Although pMCI participants had lower average WMS and CERAD word list delayed scores than the normal group at baseline, there are several reasons for which they were unlikely to have had undetected MCI. First, the baseline cognitive scores of all pMCI participants were within the age- and education-adjusted normal range and none of the participants had either diagnostic criteria necessary for MCI diagnosis: a documented memory complaint, and a CDR box score of 0.5 for memory. Second, it is not uncommon for normal individuals who later develop AD to have lower average cognitive test scores than their age-matched peers who remain normal, sometimes extending back to childhood (Linn et al., 1995
; Elias et al., 2000
; Whalley et al., 2000
). Finally, the average MMSE score for the pMCI group at MCI diagnosis was 27.7, a near-normal average score approximately 4 years after their baseline scan.
Noninvasive in vivo probes are needed to identify seniors at risk for cognitive decline because emerging interventions may be most successful prior to MCI (Smith, 2007
). Baseline measures are likely to contribute to this process due to the time-sensitive need to establish diagnosis. The present results suggest that baseline volumetric measurement can help identify individuals at future risk for MCI. In particular, results suggest that anterior MTL structures may be of particular diagnostic relevance because reduction of these structures was observable in pMCI participants compared to normal participants who had a longer average follow-up time from scan to diagnosis.
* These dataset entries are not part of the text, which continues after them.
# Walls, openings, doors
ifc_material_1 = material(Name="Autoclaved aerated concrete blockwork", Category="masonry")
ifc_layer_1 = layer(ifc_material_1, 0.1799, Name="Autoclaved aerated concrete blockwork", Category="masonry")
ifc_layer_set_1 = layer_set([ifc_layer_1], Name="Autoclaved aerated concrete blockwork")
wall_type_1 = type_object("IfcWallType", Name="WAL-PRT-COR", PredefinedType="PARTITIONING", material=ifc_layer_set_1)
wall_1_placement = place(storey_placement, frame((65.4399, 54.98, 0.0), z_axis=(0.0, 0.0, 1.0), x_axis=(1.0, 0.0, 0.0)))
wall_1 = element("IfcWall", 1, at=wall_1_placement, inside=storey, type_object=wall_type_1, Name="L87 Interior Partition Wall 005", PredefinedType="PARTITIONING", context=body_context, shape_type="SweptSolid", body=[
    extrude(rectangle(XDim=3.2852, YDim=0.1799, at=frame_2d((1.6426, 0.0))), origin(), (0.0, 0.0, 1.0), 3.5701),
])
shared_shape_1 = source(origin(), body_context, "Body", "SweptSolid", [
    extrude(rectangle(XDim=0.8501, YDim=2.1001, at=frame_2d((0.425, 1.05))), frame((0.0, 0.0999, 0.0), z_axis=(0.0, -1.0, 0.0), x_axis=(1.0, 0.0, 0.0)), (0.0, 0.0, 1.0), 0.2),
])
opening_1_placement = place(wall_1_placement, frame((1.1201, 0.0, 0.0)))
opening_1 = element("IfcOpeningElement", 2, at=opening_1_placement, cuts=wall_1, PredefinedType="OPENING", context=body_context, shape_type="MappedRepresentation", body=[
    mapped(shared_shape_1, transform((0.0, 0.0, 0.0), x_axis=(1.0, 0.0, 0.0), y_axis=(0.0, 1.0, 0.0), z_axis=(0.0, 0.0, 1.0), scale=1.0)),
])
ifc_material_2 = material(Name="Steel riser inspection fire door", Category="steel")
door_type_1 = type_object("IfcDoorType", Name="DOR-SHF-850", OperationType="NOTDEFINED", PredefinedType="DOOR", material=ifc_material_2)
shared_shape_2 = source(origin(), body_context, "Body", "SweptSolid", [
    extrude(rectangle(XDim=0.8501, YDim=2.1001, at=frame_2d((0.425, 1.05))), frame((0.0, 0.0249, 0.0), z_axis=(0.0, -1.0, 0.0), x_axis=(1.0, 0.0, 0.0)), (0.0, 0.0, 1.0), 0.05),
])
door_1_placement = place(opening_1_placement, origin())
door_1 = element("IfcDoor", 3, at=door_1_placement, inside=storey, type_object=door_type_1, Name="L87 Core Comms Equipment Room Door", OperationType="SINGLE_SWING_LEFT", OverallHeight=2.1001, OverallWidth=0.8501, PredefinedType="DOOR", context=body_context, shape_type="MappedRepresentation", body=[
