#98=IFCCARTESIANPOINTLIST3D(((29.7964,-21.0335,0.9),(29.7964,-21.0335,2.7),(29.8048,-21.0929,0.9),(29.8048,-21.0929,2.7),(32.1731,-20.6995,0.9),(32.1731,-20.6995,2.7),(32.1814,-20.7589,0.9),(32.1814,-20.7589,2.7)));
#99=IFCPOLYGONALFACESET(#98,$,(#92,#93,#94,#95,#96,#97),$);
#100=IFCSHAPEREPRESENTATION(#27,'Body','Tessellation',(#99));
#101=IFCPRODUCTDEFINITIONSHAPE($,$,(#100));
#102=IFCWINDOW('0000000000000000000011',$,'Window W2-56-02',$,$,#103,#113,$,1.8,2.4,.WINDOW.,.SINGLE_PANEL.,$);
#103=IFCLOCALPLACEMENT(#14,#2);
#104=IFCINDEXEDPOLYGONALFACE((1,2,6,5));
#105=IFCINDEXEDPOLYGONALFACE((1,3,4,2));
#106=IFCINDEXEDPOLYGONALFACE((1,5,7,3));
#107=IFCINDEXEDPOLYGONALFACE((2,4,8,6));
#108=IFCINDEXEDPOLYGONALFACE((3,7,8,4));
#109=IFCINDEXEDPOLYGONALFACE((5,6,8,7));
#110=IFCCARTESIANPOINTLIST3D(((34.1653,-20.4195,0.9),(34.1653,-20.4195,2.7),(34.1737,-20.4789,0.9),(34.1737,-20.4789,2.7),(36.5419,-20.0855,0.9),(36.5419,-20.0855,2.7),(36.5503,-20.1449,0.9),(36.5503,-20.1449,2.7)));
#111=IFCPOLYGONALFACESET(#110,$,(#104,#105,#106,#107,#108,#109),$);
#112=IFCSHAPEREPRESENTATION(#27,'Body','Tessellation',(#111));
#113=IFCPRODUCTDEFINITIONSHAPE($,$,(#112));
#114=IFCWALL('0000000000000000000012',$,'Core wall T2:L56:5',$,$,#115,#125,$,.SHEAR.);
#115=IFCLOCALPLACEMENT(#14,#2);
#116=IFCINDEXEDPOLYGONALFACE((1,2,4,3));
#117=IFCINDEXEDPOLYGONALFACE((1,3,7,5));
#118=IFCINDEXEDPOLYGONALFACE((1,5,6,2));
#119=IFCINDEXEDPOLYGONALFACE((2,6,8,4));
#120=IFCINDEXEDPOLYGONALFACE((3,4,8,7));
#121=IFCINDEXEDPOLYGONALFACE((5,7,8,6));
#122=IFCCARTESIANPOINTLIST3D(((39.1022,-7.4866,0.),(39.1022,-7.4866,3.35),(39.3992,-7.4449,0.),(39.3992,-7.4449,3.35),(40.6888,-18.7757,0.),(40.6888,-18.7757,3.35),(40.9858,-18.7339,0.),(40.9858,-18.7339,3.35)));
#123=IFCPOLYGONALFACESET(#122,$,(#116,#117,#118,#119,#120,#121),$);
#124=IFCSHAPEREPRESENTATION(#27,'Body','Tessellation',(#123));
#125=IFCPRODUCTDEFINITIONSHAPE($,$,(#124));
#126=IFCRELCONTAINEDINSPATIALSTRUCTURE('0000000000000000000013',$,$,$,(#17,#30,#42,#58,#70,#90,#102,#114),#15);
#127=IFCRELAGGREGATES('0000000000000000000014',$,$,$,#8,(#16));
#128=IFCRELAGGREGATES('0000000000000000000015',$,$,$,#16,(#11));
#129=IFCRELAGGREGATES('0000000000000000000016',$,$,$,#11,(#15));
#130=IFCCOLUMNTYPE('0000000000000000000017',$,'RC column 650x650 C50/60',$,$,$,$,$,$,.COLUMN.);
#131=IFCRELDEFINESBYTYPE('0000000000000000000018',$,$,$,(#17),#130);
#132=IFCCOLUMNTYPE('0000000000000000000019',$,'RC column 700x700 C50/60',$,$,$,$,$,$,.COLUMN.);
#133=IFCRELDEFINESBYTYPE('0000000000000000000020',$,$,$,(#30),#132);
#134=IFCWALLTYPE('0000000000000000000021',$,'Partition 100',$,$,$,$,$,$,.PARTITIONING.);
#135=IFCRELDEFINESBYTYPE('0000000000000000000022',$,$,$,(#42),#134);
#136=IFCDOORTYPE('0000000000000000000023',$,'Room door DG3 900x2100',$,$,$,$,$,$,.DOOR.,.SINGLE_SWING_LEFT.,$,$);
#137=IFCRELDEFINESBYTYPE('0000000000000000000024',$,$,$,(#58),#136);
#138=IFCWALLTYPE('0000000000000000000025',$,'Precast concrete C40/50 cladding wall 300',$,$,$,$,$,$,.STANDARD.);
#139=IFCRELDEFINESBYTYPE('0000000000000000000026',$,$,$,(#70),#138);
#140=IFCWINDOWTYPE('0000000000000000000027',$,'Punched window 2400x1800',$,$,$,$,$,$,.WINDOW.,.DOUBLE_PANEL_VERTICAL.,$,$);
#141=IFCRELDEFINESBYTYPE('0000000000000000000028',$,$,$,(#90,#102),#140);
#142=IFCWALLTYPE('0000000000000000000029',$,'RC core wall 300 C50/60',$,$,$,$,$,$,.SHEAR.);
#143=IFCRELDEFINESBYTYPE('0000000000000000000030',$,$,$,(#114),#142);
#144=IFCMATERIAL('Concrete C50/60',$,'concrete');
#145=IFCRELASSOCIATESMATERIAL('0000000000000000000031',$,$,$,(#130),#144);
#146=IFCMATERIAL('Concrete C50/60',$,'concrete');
The observation that volumetric declines were relatively confined to anterior MTL structures in pMCI offers hope that potential therapies could protect the brain from reductions of posterior MTL and WBV associated with the onset of MCI.
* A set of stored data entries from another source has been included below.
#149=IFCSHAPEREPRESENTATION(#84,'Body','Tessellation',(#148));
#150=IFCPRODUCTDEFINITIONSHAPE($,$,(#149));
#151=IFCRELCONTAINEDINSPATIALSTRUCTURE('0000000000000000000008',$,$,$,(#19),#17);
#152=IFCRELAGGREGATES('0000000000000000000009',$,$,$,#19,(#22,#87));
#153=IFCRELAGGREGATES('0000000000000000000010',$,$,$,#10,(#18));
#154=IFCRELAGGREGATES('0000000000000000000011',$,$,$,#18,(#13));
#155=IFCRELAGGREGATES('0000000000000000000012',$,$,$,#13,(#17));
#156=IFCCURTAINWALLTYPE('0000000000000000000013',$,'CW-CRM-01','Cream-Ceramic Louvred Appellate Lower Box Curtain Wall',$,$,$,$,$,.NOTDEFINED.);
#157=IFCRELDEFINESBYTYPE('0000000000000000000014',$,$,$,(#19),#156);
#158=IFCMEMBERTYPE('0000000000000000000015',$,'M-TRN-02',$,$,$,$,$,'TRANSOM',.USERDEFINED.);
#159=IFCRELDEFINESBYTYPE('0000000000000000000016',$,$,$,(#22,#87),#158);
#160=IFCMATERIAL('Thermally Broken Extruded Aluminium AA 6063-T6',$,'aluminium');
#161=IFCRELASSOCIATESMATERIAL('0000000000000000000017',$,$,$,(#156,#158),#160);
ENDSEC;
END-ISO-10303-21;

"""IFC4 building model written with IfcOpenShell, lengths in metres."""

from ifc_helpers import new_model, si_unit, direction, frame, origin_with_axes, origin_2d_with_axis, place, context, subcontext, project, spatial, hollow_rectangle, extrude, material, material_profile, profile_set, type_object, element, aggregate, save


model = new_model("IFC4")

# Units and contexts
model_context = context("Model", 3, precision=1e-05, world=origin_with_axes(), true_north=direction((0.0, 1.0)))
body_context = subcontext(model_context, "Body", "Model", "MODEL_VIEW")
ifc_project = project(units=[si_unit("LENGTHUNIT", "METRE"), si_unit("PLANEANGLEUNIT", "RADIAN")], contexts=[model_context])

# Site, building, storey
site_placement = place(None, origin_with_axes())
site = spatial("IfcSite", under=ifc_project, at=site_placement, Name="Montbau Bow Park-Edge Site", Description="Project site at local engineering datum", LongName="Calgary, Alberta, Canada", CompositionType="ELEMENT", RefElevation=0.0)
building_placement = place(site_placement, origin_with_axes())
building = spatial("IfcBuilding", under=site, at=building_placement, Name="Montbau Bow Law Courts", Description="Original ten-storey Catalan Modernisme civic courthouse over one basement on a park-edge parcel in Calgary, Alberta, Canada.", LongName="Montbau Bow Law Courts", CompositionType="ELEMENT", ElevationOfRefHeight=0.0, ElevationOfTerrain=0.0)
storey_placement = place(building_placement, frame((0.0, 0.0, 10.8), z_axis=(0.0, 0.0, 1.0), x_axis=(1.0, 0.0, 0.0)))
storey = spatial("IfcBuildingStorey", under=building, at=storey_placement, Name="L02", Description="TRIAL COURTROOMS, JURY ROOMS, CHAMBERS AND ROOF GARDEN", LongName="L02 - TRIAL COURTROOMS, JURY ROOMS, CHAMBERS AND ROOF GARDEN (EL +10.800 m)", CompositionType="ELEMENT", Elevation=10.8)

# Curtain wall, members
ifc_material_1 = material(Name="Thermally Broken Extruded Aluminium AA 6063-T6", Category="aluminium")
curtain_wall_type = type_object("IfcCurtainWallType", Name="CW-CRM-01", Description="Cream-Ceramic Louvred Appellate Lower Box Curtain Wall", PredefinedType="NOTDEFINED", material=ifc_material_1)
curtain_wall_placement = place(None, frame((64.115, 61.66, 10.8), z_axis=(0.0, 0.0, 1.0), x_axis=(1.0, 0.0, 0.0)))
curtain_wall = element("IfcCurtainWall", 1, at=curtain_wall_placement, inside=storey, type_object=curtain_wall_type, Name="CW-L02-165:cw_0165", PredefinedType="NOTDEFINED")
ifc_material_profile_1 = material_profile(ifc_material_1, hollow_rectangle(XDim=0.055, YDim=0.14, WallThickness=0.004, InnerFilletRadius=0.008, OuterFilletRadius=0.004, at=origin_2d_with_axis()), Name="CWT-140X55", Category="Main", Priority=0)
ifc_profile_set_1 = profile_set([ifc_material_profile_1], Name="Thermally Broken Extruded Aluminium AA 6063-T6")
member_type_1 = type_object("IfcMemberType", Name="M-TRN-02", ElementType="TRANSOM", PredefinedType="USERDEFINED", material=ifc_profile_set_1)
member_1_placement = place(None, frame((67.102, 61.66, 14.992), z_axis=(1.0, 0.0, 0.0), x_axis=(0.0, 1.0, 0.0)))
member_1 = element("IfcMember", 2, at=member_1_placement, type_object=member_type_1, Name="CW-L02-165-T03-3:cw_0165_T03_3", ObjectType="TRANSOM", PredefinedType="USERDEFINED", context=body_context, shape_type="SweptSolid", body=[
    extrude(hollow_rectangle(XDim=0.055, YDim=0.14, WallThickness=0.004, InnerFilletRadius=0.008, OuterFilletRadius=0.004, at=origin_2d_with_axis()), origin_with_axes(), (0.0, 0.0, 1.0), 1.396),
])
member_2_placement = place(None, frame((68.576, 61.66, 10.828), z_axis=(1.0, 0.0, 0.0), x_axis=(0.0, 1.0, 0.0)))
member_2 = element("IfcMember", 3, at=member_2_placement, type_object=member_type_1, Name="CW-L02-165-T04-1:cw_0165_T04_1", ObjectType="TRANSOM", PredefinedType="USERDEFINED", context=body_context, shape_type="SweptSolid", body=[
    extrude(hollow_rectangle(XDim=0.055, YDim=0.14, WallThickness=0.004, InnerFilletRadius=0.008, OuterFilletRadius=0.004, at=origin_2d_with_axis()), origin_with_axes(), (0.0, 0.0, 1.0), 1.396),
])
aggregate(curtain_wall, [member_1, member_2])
This study had several limitations that highlight open questions and may help guide future research. First, like most other normal control volunteer groups at AD centers, participants were highly educated. High education may buffer effects of brain pathology on cognition (Stern, 2002
), which could lengthen the presymptomatic period relative to groups with lower education. Future studies will be required to determine the extent to which the present and similar findings generalize to cohorts with lower levels of education. Our ADC is currently in the process of attempting to recruit lower education volunteers in the normal control cohort to address this question. Second, the cross-sectional nature of the study does not enable us to determine the relationship between cognitive decline and volumetric reductions in various ROIs over time. We are in the process of following pMCI participants longitudinally to address this issue. Third, as with most studies of this kind, the sample size of the presymptomatic group was relatively small and pathological diagnosis cannot yet be confirmed. Although most individuals given a clinical diagnosis of MCI at our center show AD pathology (Markesbery et al., 2006
), it is not yet possible to know what percentage of the present MCI or normal samples harbor significant AD pathology. Some misclassification of participants (according to the neuropathology gold standard) is thus possible. This issue should be addressable in the future because participants in the longitudinal normal cohort study at our ADRC have agreed to brain donation at death.